In molti, ricordando che le ultime elezioni politiche non hanno dato una maggioranza parlamentare né alla sinistra né alla destra, sostengono che in questa legislatura sia impossibile introdurre nuovi diritti civili. È vero il contrario. Proprio perché non esiste alle Camere un orientamento culturale e politico prevalente, questa è la stagione giusta per trovare un minimo comune denominatore, una maggioranza vasta che vada oltre gli schieramenti precostituiti e approvi norme destinate a durare, e non a essere spazzate via nella legislatura successiva. Già lo si è visto sul divorzio breve. Inoltre, le categorie storiche di destra e sinistra, già logore di loro, in questo campo aiutano poco a capire; non a caso il matrimonio omosessuale con diritto di adozione è rimasto in vigore nella Spagna governata dai popolari e nell’Inghilterra conservatrice.

In Italia un simile cambiamento non troverebbe una maggioranza in Parlamento, e probabilmente neppure un ampio consenso nella società. Però la discussione deve essere aperta e rispettosa delle varie culture e sensibilità. Il dissenso non può essere demonizzato. Chi difende le proprie idee non può essere tacciato di omofobia, ma neppure di libertinaggio. È giusto discutere di tutto. Ad esempio le parole di Domenico Dolce e Stefano Gabbana sono state irrise, ma indicavano una questione su cui è lecito interrogarsi: oggi una coppia omosessuale o una donna sola possono andare all’estero e avere un figlio grazie a ovuli donati (o comprati) e uteri in affitto; ma una coppia omosessuale o una donna sola non possono andare in un orfanotrofio italiano ad adottare un bambino.

La discussione però dura da tempo, e non può essere infinita. Prima della fine della legislatura si dovrà trovare un accordo, diciamo pure un compromesso, parola di cui non si deve avere paura, perché non rappresenta il tradimento di un ideale ma la conquista di un terreno comune; che dovrebbe allargarsi anche al tema cruciale del fine vita. Il governo Renzi fa bene a rivendicare una funzione propulsiva, ma dovrà evitare forzature. Anche a proposito della nuova legge sulla cittadinanza. Oggi il figlio di italiani è italiano anche se non vive e non vivrà mai nel nostro Paese: potrà ad esempio contribuire a decidere come spendere tasse che non paga.
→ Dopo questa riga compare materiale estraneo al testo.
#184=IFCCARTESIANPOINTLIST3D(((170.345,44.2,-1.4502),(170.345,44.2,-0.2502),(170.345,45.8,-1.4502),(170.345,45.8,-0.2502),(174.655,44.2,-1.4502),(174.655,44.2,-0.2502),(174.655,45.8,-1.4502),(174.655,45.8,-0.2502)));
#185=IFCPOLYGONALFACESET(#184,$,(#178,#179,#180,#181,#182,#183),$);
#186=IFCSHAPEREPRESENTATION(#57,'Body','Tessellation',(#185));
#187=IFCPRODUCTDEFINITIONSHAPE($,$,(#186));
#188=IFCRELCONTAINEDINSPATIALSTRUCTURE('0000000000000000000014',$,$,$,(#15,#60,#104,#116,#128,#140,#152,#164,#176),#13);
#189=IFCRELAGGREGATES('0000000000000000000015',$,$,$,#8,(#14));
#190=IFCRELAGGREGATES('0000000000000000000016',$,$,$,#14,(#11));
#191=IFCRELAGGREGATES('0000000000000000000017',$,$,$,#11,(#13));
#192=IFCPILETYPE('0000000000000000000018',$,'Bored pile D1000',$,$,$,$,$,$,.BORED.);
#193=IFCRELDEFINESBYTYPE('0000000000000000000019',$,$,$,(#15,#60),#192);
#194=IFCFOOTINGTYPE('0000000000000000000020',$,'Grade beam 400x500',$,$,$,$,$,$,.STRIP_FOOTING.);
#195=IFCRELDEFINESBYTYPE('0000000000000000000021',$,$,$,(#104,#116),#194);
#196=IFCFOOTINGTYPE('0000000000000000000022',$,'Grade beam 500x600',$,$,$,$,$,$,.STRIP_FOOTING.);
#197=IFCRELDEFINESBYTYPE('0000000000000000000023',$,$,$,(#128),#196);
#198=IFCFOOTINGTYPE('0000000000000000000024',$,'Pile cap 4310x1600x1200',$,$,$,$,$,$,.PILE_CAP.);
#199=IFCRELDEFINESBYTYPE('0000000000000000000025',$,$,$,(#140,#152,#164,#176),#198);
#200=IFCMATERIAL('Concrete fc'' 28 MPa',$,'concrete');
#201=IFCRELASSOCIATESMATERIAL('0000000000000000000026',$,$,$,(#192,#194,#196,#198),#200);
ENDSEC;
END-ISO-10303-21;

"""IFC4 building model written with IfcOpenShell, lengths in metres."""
Invece il figlio di stranieri nato in Italia non è italiano e non lo diventa per troppo tempo: questo anacronismo genera estraneità e irresponsabilità; è difficile per i nuovi italiani riconoscersi in una comunità di valori da cui si viene esclusi. Siamo un Paese troppo permeabile per introdurre lo ius soli. La fase storica impone rigore e serietà, compenetrazione di diritti e di doveri. Ma è possibile fin da ora legare la cittadinanza al completamento di un ciclo di studi: deve essere la scuola dell’obbligo, oggi troppo spesso evasa anche dai figli di italiani, a trasmettere la lingua e i princìpi — a cominciare dall’uguaglianza tra l’uomo e la donna — conquistati con il travaglio di generazioni, che non vanno dispersi ma diffusi.

È una «grande società» quella che possiamo costruire, in cui nessuno verrà discriminato per i suoi orientamenti sessuali e per il colore della sua pelle. L’occasione è adesso.